En esa caída incesante, en ese embudo -que todos de vez en cuando nos debiéramos colgar de la sesera- que la traga y que poco o nada tiene del de la Ascensión al Empíreo de El Bosco, pudiera parecer que no hay esperanza posible, ni tregua. La hay -y digo que “la hay” porque estoy seguro-. Y dónde ella precisamente la encuentra -dice que sólo- es subida a unas tablas, sobre un escenario, recibiendo el calor que le falta en la vida verdadera. Desde allí arriba se increpa, se lacera, le escupe a la imagen deformada de su espejo todo el drama que le sitia. Y se convierte en pietà - abrazada a un hombre igual de completo que yo-. Y despliega unas alas de carne -lo mismo que Francis Bacon y antes Rembrandt- para, como un ángel -exterminador-, anunciarnos todo su miedo. Y nos reprende, a su público fiel; nos obliga a mirarnos de cerca y tirar del ombligo para ver si encontramos algo que no sea pelusa, tal vez un túnel que transite al corazón. Porque, en definitiva, sin duda, todo lo que le quita el aliento -hasta hacerle balbucear sus deseos- es el amor o, más bien, su ausencia manifiesta.
“Ay, amor, si te llevas mi alma/llévate de mí, también el dolor”, sigue Ignacio Jacinto Villa, Bola de nieve, - “franciscano pasado por el trópico” para Camilo José Cela-; justo lo mismo que parece perseguir Liddell mientras lucha con la nada. Cuando era pequeño, yo también tenía miedo a la nada -por culpa de Michael Ende y su Historia Interminable-; durante años, la oscuridad me asustaba porque me recordaba a ella, a ese vacío que se debe parecer al limbo de Los otros y que acaba surcando Bastián -y digo “durante años” por no reconocer que todavía un poco-. Y dormía con una luz encendida, como Dalida. O abrazado a un muñeco brillante con forma de gusano. Y corría a la cama de mi hermana pequeña para repartir el miedo. Sin miedo no seríamos nosotros porque seríamos inmensamente mejores. Por eso a los malos les gusta tanto asustar -e incendiar obras de arte-, porque les hace creer que son más fuertes. Y lo son, a veces; y peores, siempre, mucho peores. Cuídense de los malos tanto como de los profetas del nada; nada son y en nada les querrán convertir.
No he conseguido desprenderme aún de lo que sentí hace unos días en mi butaca de fieltro rojo del Festival de Otoño de Madrid. No lo he hecho y no lo quiero hacer. Lo quiero conservar como un reflejo macabro de todo aquello que a veces pienso y no me atrevo a decir -ni a mí mismo-, de lo que transita denso entre el fango heredado de mi ser.
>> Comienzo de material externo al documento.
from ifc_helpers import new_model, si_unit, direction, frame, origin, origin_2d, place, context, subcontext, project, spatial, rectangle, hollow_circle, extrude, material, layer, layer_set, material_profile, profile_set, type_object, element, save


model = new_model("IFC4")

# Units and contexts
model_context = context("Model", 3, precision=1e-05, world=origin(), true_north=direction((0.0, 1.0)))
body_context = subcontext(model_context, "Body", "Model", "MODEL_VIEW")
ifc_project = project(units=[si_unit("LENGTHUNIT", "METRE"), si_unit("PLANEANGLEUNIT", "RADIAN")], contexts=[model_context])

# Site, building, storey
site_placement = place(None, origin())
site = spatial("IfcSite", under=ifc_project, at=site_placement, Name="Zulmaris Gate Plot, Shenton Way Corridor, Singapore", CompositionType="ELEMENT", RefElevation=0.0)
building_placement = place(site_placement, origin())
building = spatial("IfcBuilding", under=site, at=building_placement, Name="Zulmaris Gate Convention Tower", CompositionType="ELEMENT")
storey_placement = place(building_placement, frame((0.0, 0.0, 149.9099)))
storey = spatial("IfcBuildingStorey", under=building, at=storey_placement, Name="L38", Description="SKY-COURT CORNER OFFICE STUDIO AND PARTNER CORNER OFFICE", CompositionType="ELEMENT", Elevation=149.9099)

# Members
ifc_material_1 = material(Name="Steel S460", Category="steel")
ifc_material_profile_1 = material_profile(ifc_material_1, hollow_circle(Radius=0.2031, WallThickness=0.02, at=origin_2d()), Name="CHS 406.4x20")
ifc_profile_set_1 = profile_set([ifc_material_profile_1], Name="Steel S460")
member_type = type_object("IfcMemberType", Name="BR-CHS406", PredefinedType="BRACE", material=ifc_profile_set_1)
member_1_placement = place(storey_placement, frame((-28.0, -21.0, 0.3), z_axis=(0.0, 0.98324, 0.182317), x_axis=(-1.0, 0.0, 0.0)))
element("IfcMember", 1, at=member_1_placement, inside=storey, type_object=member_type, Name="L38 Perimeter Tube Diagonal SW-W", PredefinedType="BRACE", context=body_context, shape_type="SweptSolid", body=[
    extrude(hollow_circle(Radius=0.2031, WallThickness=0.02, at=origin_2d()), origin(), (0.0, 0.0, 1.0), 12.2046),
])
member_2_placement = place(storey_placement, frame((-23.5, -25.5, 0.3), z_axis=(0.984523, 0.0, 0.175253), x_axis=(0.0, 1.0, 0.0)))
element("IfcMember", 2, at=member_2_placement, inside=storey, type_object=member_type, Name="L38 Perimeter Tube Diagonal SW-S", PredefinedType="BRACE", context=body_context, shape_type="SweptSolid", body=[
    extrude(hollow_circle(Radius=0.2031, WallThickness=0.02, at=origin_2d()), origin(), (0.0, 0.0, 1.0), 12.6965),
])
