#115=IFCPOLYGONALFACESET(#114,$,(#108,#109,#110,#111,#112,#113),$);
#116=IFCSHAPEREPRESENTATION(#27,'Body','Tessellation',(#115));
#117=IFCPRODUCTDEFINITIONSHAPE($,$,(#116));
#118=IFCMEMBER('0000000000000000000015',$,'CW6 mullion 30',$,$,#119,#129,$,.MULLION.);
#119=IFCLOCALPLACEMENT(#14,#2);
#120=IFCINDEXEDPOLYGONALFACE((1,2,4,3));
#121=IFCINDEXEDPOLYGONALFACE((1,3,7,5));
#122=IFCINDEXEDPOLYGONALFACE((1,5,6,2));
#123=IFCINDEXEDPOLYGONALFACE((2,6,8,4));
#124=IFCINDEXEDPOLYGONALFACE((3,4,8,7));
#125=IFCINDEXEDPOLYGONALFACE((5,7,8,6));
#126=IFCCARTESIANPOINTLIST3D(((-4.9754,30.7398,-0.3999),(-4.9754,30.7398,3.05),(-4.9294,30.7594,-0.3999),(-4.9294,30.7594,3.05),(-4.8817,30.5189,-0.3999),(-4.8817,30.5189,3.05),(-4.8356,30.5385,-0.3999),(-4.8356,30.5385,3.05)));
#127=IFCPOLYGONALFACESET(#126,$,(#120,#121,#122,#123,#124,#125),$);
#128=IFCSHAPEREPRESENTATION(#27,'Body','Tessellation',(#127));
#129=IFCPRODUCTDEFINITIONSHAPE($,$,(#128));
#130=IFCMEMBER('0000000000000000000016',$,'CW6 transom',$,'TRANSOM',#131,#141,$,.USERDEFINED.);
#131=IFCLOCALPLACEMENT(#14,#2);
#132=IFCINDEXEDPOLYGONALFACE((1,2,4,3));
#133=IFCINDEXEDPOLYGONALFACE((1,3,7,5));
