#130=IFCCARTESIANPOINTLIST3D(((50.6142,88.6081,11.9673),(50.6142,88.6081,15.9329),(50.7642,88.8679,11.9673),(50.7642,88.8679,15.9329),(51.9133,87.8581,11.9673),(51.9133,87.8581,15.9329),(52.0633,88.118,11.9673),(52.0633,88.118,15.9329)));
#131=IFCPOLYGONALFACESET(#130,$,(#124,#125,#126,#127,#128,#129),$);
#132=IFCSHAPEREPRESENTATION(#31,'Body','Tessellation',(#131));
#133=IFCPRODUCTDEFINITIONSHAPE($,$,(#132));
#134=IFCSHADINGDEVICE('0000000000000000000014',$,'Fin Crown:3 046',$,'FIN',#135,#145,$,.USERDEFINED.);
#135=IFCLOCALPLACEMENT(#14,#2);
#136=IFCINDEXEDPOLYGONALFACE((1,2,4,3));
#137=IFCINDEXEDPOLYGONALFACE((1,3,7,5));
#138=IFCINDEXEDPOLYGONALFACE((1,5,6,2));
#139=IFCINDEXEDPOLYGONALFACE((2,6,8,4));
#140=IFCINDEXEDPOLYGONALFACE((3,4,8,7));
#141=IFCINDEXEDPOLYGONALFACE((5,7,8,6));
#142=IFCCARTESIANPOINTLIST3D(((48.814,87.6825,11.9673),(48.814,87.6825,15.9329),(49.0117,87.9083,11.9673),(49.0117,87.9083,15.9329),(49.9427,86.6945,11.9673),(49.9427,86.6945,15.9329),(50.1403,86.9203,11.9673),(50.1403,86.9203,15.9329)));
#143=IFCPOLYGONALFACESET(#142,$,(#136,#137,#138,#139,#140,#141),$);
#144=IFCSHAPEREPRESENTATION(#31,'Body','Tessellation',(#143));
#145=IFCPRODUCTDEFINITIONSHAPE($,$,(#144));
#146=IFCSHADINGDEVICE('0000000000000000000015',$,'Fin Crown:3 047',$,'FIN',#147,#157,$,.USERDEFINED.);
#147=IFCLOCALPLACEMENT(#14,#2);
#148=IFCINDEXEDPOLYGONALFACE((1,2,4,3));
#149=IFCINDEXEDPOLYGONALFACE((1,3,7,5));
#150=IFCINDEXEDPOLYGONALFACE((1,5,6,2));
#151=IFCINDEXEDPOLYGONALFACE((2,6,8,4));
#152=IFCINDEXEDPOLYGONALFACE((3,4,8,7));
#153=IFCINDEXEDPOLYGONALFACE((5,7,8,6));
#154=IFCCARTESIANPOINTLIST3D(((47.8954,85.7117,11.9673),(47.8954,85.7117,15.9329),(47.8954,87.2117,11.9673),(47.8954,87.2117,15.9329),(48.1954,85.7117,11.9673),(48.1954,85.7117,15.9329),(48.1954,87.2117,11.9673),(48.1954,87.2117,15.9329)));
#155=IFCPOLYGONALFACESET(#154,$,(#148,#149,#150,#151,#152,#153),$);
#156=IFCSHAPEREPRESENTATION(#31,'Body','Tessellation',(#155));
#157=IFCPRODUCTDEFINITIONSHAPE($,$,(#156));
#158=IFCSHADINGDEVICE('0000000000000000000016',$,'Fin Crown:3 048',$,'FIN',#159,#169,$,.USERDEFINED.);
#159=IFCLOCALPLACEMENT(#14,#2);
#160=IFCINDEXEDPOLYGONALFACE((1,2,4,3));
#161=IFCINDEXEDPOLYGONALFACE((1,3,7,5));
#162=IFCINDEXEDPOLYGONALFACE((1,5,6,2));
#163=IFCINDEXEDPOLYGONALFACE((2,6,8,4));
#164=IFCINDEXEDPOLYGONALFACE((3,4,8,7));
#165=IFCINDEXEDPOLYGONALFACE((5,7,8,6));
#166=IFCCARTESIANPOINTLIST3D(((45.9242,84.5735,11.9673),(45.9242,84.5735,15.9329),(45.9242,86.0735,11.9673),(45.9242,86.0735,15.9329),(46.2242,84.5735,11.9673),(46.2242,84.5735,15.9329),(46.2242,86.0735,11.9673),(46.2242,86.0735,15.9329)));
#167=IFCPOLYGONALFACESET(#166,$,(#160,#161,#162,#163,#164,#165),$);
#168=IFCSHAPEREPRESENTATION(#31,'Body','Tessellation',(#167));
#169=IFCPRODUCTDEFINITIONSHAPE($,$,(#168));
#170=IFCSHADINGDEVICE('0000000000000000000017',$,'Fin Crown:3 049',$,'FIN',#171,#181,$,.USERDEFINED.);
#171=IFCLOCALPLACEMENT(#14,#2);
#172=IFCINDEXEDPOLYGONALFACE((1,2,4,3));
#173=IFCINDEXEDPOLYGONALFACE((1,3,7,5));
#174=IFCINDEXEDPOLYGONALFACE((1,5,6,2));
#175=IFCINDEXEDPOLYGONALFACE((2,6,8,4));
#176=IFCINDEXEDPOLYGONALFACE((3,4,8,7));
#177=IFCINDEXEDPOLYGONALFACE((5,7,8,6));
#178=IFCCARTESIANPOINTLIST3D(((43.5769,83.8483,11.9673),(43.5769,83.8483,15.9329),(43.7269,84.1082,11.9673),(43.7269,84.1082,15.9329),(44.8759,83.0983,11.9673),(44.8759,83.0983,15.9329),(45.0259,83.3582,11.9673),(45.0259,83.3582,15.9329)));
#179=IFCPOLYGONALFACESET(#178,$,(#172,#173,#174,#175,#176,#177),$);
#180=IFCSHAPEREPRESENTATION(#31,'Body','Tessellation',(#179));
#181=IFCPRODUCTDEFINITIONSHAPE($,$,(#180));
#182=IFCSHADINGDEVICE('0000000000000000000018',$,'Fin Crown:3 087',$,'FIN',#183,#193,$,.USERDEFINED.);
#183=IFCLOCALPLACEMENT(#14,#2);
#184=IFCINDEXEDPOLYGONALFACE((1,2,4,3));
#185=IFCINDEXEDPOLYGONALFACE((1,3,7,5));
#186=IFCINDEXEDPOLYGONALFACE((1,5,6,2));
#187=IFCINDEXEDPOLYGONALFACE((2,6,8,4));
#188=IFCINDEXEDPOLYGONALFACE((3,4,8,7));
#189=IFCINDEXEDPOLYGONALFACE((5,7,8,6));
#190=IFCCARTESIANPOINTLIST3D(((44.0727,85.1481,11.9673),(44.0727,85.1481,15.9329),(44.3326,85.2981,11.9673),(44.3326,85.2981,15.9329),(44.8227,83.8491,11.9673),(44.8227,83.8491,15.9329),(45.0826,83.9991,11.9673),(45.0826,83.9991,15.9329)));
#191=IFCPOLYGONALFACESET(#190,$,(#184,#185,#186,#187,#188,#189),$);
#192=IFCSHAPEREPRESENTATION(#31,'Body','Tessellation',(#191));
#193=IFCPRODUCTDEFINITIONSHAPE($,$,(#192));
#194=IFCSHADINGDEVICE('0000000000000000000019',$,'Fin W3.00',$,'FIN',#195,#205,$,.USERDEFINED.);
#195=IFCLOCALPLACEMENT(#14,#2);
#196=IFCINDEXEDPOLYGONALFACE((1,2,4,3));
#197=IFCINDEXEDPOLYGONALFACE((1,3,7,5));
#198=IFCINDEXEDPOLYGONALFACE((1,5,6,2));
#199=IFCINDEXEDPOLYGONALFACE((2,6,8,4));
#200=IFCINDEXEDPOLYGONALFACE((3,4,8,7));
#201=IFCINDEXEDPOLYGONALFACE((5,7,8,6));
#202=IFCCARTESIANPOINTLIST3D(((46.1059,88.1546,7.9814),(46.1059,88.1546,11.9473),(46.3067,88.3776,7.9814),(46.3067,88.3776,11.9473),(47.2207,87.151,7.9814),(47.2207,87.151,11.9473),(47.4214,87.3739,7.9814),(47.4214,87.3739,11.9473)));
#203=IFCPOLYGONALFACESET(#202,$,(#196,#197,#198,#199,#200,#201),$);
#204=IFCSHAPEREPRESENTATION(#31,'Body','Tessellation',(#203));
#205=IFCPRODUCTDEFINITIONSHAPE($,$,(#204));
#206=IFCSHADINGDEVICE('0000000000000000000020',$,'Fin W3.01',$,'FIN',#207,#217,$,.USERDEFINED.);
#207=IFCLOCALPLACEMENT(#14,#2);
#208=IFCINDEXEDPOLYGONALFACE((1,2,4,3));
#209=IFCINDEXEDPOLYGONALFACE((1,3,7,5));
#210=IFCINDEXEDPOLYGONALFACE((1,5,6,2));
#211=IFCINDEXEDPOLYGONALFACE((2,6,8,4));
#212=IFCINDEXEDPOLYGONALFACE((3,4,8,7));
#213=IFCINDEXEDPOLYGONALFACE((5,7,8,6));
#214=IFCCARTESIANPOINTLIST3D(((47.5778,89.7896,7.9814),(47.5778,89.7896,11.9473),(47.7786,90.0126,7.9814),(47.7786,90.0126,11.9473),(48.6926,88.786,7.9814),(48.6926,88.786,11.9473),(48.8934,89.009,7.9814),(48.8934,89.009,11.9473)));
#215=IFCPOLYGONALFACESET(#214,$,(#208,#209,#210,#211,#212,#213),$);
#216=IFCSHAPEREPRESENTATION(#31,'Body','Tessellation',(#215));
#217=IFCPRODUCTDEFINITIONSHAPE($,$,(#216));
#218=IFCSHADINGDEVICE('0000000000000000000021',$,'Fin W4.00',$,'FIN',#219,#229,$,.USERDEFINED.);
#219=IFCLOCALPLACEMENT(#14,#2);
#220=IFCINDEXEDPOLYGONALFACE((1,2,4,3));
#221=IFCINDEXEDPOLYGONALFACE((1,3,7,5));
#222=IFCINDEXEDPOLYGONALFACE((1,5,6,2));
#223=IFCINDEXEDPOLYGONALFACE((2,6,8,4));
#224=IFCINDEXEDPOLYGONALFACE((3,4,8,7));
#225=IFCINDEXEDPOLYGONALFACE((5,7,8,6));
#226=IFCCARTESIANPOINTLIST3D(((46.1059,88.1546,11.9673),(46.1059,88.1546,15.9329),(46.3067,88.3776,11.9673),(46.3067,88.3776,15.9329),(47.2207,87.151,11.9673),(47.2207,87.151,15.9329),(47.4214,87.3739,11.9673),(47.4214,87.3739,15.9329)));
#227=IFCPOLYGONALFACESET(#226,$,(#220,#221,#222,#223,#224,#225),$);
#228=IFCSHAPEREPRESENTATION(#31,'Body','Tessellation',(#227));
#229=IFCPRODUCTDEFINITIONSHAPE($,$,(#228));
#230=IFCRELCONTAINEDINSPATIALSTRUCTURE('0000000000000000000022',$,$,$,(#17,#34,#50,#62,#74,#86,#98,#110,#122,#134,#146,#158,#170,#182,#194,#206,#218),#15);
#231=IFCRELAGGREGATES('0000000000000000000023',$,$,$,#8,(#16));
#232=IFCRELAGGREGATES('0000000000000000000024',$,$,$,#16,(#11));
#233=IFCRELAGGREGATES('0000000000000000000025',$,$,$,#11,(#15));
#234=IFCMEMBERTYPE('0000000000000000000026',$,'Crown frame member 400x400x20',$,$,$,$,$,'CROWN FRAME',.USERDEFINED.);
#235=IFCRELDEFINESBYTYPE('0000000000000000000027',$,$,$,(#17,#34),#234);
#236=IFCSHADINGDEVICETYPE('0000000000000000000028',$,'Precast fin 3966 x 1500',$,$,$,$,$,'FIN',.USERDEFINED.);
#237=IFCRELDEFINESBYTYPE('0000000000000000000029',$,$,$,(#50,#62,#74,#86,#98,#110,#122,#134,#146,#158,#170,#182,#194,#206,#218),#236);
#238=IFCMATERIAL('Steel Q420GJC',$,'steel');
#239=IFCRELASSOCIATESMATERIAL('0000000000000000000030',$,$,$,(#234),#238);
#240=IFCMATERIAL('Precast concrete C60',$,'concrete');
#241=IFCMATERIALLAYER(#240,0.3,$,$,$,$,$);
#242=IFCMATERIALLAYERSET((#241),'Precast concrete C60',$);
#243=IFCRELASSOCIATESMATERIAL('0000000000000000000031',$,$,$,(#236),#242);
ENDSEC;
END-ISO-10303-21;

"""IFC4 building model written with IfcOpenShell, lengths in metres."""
Venir del limo, de dónde aseguró Darwin que procedemos todos, quizá sea en parte el motivo de tanta vileza sostenida, del insoportable pesar que en ocasiones nos violenta como “mal dolor de clavo”. Que esto -y digo “esto” y me refiero al mundo- siga siendo un “valle de lágrimas”, puede que represente el estertor penúltimo de una evolución obligada, de una corriente infinita que nos ha traído hasta aquí. No pretendo ser apocalíptico, ni apostolar -no soy san Juan y no estoy en Patmos-, sólo dejo que mis palabras reflejen lo que viví -esa noche- y vivo, todo lo que sólo la cultura sabe entrever.